We have taken the view that COVID-19 will accelerate the many trends – good and bad – that have already been visible for some time.
It’s also an opportunity to re-think the current, flawed model of globalisation.
In this issue of Globalisation Outlook we examine how these trends may be accelerated. We take as our guide JM Keynes’s views of globalisation from the 1930s
“Ideas, knowledge, science, hospitality, travel – these are the things that should of their nature be international. But let goods be homespun whenever it is reasonably and conveniently possible. And, above all, let finance be primarily national”JM Keynes, 1933
International scientific collaboration and exchange of knowledge has been one of the bright spots of the current pandemic – in spite of the increasing doubts about the reliability of information coming out of China
Though the slump in international travel and tourism will likely be deep and prolonged, international travel will most likely resume its upward trend at some stage.
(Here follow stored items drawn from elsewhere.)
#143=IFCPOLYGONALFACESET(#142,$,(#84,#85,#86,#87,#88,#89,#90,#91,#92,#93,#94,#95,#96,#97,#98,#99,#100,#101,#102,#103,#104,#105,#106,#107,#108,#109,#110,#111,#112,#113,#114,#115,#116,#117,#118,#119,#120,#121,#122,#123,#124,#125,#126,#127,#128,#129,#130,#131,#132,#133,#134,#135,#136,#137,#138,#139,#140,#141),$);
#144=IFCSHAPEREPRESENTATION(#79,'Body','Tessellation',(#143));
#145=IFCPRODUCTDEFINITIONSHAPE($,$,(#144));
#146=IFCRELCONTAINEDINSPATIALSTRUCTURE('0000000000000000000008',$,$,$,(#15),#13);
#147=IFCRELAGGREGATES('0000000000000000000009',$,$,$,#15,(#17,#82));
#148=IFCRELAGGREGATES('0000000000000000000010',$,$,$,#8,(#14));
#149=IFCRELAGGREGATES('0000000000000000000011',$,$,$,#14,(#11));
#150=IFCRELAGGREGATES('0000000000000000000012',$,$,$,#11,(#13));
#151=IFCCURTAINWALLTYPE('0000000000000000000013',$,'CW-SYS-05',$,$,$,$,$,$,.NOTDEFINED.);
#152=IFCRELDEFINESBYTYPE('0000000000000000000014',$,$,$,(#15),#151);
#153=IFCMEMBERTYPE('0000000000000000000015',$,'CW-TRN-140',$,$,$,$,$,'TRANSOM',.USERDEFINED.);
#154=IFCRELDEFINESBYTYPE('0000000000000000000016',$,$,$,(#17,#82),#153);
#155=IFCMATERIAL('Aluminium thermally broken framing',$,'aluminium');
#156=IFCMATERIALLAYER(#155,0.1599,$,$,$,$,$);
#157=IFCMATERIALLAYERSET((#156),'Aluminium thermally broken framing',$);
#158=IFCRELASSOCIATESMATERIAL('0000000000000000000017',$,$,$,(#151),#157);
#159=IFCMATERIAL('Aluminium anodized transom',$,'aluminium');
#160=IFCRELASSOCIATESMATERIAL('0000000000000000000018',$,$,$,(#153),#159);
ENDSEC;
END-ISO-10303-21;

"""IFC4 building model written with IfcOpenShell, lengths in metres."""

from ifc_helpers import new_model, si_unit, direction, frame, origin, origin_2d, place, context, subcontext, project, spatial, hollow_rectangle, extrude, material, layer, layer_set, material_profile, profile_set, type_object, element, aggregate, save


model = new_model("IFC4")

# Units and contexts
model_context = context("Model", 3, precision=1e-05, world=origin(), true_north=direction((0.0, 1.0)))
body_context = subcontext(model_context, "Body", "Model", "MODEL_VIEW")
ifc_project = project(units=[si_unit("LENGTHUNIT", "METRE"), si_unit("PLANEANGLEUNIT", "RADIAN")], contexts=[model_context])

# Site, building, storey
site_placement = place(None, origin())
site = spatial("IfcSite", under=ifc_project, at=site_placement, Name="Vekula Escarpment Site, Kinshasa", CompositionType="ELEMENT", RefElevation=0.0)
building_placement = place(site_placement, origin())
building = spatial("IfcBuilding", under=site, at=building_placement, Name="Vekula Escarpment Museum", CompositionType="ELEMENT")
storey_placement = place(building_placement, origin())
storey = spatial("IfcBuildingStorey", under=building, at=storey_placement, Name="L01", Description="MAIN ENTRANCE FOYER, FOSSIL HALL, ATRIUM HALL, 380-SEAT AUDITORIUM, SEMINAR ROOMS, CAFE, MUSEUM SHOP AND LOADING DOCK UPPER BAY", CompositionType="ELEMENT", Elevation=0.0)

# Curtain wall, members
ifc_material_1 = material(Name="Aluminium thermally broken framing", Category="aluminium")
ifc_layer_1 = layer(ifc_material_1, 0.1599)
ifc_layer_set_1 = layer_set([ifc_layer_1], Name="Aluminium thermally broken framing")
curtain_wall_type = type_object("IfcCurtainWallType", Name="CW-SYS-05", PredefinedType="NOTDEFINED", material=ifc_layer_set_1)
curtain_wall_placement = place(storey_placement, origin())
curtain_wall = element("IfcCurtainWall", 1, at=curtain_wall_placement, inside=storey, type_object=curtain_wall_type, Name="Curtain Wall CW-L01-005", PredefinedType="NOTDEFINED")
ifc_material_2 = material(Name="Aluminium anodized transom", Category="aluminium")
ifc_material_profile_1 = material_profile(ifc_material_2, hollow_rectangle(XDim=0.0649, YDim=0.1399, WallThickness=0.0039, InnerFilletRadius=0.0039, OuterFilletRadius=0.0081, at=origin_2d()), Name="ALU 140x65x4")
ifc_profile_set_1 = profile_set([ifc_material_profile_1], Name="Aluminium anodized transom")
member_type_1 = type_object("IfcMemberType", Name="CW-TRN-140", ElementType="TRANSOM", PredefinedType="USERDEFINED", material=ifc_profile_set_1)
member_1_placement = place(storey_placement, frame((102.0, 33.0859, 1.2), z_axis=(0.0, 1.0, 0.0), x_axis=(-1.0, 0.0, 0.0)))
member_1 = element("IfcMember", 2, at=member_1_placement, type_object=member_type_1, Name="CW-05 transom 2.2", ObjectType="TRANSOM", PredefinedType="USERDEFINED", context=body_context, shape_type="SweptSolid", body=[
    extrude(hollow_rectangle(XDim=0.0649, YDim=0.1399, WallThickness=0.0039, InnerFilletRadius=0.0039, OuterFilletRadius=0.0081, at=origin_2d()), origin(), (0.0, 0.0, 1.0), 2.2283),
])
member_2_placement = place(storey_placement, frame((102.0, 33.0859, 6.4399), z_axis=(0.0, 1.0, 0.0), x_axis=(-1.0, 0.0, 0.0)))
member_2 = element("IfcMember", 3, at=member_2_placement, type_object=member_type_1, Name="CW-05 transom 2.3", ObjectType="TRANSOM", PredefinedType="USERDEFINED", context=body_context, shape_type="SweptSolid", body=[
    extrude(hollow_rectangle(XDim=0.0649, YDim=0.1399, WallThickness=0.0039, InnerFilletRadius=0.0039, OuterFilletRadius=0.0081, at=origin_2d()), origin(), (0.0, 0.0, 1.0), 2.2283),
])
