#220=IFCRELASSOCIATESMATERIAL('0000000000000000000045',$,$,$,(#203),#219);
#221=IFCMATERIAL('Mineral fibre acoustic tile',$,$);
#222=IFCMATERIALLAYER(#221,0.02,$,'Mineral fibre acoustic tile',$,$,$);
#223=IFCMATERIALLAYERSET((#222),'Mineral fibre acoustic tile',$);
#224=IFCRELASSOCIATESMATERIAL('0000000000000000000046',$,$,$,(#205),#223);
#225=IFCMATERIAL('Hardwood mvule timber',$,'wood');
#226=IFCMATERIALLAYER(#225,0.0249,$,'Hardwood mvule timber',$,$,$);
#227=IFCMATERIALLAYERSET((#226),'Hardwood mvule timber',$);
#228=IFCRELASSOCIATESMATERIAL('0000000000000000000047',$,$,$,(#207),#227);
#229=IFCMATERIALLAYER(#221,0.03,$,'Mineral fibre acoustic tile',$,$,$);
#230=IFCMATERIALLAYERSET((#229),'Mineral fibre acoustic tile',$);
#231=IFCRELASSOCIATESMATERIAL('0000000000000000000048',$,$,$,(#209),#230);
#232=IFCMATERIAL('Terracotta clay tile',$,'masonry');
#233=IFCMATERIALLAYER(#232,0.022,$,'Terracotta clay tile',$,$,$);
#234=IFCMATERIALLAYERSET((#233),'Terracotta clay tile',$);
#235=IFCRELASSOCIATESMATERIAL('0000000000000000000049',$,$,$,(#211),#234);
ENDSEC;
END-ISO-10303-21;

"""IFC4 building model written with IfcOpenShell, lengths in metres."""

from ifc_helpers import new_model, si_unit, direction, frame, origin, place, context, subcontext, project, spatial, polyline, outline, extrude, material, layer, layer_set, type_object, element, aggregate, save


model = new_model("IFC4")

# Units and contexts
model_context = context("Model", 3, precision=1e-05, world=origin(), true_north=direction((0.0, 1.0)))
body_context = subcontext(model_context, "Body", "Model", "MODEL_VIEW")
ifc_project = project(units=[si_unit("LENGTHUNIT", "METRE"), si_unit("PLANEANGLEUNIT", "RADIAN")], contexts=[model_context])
Exposure to any resurgence of the current infection will therefore likely also be transnational and any new future infection will also likely spread globally
We will likely see an expansion of what countries will start to define as ‘strategic industries’ for which local production capability will form an essential component. And industrial strategy is back in fashion. How far all that will go remains to be seen.
We are well past the time of ‘above all let finance be primarily national’ and it is highly unlikely that genie can be put back in the bottle. The consequences, in terms of huge outflows of ‘hot money’ from developing countries can already be seen in this pandemic.